Udvikling af mobile tjenester til museer

“Dear museums, we love you. You inspire, engage and educate.” So starts culture and tech research specialist Matthew Petrie in an open letter to our beloved British institutions. “We love you because you actively bring change and development to our communities. You just make us feel good.”

But… (and you just knew there was a ‘but’ coming). “See all those people coming through your doors? You know what the vast majority of them don’t leave home without?
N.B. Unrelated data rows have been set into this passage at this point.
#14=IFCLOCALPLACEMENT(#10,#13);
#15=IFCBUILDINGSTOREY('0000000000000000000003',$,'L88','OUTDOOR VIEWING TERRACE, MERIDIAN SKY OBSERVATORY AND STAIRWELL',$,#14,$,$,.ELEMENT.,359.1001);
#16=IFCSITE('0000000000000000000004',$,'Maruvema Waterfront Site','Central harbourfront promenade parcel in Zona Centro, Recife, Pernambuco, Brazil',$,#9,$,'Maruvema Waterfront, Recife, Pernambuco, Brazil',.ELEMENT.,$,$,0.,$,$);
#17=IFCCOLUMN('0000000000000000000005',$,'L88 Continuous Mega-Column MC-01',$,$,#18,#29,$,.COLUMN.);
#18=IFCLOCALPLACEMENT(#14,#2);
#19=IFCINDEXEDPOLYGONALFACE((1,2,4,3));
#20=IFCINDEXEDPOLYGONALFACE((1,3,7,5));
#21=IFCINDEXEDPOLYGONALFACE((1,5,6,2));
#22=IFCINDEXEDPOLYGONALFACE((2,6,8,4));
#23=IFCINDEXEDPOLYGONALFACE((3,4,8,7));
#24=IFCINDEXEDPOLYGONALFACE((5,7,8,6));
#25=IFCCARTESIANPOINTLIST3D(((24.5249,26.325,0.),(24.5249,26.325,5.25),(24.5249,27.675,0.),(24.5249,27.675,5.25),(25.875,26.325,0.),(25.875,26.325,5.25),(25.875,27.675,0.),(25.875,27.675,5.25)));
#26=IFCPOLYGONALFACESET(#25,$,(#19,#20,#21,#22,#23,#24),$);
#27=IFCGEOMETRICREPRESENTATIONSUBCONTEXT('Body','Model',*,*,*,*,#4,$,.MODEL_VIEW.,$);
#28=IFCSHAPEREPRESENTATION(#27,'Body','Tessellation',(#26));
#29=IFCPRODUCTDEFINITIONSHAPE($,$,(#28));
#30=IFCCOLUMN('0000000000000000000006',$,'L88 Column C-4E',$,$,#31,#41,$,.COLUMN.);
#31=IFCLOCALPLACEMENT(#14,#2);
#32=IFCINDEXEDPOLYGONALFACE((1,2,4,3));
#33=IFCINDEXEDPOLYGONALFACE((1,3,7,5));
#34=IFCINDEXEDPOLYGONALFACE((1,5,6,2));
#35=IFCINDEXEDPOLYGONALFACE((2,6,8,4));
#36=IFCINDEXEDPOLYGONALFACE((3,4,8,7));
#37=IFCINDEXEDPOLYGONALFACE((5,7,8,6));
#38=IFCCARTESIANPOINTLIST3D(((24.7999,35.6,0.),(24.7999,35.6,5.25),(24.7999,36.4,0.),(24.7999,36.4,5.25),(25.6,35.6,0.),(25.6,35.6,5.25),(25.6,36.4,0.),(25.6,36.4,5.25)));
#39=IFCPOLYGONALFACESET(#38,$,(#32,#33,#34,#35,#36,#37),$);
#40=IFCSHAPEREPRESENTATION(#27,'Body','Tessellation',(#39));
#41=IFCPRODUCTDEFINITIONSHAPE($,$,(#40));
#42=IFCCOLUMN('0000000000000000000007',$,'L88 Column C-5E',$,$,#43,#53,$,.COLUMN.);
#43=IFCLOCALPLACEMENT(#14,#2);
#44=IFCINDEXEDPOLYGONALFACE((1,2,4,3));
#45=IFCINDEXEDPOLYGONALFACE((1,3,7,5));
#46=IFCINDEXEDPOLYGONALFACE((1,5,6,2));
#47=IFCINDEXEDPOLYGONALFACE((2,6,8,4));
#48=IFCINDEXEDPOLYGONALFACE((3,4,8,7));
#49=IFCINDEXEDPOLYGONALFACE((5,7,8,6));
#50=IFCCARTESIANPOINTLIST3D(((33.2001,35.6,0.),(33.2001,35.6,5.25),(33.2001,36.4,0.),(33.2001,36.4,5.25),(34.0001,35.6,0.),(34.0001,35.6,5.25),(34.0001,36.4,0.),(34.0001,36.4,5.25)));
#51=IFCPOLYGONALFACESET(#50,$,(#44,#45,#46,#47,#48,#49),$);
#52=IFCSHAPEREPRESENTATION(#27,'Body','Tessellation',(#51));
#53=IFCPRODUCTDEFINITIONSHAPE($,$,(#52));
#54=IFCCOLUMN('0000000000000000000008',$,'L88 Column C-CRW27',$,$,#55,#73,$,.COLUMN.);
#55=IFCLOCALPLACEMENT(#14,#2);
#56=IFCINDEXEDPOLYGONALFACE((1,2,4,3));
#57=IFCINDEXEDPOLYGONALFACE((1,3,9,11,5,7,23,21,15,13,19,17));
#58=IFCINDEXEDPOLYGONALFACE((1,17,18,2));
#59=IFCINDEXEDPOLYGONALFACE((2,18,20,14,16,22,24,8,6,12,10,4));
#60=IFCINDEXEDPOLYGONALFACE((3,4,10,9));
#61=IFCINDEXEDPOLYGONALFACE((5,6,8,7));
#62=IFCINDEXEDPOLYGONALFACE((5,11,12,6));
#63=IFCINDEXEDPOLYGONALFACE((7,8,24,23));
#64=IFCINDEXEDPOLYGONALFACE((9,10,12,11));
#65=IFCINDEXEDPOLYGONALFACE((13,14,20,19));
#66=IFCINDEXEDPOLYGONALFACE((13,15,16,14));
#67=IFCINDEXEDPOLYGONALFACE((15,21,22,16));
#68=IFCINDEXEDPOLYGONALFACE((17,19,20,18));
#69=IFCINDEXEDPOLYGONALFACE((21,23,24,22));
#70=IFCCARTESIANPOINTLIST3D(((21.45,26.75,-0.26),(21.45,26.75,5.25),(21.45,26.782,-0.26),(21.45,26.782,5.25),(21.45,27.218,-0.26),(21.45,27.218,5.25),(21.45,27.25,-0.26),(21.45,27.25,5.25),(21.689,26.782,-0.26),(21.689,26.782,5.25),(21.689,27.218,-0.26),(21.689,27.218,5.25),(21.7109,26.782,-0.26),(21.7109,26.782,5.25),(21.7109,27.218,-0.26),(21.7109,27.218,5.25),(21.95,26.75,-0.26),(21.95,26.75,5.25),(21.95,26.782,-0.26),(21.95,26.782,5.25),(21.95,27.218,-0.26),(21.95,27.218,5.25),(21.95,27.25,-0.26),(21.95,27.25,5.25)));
That’s right, their mobiles.”

With some 74 percent of visitors bringing their mobile devices through the front doors with them, it’s high time for museums to be doing more with mobile.

The Guardian – 31 May 2013:
Dear museums: the time is right to embrace mobile
Most museum visitors don’t leave home without their mobile – it’s time to exploit that fact, says Matthew Petrie




When it comes to museums, mobile is about innovating the audience experience, not the technology. “There is acknowledgement that mobile is a very powerful tool, but it is just a tool and one that we need to master,” museums say, “It should be used strategically – in the right way, with the right audience and at the right time.”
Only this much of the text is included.